Clean/through Plumbs the Depths of Addiction

Although the subject matter might seem depressing, even the darkest play can be enjoyable if it’s well-executed, and even the peppiest play can be depressing if it’s a theatrical failure. Let’s just say that I left clean/through with a smile on my face.

Michael Hardy
Houstonia
Mon, 02/10/2014

Clean/through, an intense new drama by Catastrophic Theatre resident playwright Miki Johnson, begins in an apartment that resembles one of IKEA’s pleasantly banal demonstration rooms—that is, until you notice that the coffee table is covered with beer cans, liquor bottles, cigarette packs, and drug paraphernalia. A young woman in torn jeans and combat boots leans over the table and snorts a line of cocaine, while the sallow-cheeked, hollow-eyed young man sitting next to her takes a swig from a bottle of Jim Beam before cooking up some heroin in a spoon and injecting it into his arm.

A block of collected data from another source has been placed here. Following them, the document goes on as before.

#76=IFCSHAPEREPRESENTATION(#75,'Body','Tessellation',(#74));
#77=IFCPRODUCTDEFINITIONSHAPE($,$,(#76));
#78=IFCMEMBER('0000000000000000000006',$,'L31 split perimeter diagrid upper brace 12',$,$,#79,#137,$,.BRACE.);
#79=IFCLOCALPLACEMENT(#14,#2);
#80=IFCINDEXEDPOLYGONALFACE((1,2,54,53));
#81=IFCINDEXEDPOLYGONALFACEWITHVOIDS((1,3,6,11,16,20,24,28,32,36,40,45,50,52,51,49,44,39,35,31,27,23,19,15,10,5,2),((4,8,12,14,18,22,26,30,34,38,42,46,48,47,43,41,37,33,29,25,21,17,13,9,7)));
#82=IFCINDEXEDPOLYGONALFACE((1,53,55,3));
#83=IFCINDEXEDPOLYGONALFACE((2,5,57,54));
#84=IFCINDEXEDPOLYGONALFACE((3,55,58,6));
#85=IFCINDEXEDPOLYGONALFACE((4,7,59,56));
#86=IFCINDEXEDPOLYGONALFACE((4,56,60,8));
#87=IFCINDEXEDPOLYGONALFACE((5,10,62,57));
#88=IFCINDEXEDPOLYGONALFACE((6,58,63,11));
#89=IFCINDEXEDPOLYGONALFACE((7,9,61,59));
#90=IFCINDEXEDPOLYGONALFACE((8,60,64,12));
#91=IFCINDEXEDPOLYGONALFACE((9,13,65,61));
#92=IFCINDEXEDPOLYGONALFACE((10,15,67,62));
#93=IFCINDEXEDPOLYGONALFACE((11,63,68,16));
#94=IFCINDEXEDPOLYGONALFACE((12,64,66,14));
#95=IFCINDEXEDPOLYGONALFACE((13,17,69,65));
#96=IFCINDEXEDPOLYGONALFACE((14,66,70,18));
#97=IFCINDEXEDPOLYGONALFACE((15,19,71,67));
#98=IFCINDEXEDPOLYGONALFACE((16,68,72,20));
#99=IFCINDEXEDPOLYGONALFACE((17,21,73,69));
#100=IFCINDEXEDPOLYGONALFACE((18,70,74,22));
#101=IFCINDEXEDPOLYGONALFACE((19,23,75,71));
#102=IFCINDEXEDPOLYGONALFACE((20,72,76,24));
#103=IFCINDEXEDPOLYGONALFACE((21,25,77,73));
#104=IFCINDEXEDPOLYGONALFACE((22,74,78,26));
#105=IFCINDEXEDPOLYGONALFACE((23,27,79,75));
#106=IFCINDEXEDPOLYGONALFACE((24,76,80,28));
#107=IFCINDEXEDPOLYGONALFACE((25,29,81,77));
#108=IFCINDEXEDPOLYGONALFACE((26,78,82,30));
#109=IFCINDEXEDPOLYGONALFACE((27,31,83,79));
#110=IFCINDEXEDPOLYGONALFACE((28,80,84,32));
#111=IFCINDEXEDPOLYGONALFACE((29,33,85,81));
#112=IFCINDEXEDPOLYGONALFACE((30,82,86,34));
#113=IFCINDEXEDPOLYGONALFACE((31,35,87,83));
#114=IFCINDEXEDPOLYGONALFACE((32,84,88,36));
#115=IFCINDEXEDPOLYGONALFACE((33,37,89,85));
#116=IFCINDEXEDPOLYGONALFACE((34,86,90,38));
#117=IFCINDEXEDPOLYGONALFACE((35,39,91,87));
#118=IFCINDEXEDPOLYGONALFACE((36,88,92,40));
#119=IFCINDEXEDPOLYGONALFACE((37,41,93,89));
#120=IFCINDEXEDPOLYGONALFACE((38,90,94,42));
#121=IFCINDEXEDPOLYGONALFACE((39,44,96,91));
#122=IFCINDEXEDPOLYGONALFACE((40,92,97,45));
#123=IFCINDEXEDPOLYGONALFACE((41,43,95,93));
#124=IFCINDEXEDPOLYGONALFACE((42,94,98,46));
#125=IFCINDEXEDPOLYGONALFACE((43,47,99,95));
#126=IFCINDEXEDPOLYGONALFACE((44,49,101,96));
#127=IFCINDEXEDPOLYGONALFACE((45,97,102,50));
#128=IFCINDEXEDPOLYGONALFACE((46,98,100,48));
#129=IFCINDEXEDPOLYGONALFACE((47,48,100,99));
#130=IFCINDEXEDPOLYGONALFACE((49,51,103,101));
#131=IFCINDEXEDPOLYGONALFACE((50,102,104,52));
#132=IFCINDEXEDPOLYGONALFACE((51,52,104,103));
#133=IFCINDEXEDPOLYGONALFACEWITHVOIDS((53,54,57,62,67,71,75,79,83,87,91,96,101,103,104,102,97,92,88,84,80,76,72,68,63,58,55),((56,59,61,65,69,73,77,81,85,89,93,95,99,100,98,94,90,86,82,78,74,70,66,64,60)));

From their conversation, we learn that the man, Nick, is a prominent Los Angeles musician whose picture graces magazine covers but whose long-time drug and alcohol abuse is taking a toll on his career, as well as his relationship with the woman, his girlfriend Rachel.

Between lines of coke, Rachel tries to convince Nick to enter rehab. She gets support in this effort from her sister Annie, who walks into the apartment while Nick is still shooting up. Under pressure from the two women, Nick reluctantly agrees to get clean, and the scene shifts to a different part of the stage, where we see Nick in the throes of withdrawal, flailing around in a tub. (The ingenious set, designed by Ryan McGettigan, is divided into five distinct areas to represent different locations, which are only lit up when something is happening there. Not only does this avert the need for scene changes, but it allows Johnson to set scenes in two or more locations simultaneously.)

Nick comes back from rehab having apparently kicked heroin, but quickly relapses and moves out of his apartment, abandoning Rachel only to wash up in an East L.A. flophouse with a homeless woman and fellow junkie. “I don’t know why I want to be high all day, every day,” Nick tells Rachel by way of explanation for his departure. “I just do.”

The play is especially timely considering Philip Seymour Hoffman’s recent death after overdosing on heroin, but in fact it was another celebrity tragedy that inspired the play. Johnson has said that clean/through was based in part on the life and music of Elliott Smith, arguably the greatest singer-songwriter of his generation, who, like Nick, began using heroin to cope with the pressure of fame. After releasing five albums filled with hauntingly beautiful songs, Smith died in 2003, at the of age 34, of two stab wounds to the chest, probably self-inflicted (although some people speculate that he was killed by his girlfriend, who was present at the time of the incident). Smith’s songs constitute the pre-show soundtrack and provide transition music between scenes, making the connections between him and Nick impossible to ignore.

Like many of Smith’s songs, clean/through is a meditation on depression, loneliness, alienation, and addiction. But just as Smith’s music is buoyed by his lovely melodies—his favorite band was The Beatles—Johnson’s play reveals the beauty hidden in even the most sordid situations, and the hope clinging to apparently hopeless lives. Much of the credit for humanizing the play’s characters goes to the actors, especially John DeLoach as Nick, Jessica Janes as Rachel, and Candice D’Meza as Nick’s wise-beyond-her-years junkie friend Vee.

Philosophical drug addicts (think Bubbles in The Wire) are almost as much of a cliché as hookers with hearts of gold—or, for that matter, heroin-addled musicians. Like many representations of drug addiction, clean/through occasionally veers too far into the maudlin. “He’s very good at dying,” one character says melodramatically about Nick. “He’s been chasing it his whole life.” And that isn’t the only place where Johnson displays a bit of a tin ear. At one point, Nick’s friend Vee tells him “You are so white.” What sounds so white to me is putting such a hackneyed phrase in the mouth of a black character.

On the whole, however, the play—under the capable direction of Johnson’s partner and Catastrophic artistic director Jason Nodler—manages to rise above the limitations and stereotypes inherent to the drug addiction genre. Although the subject matter might seem depressing, even the darkest play can be enjoyable if it’s well-executed, and even the peppiest play can be depressing if it’s a theatrical failure. Let’s just say that I left clean/through with a smile on my face.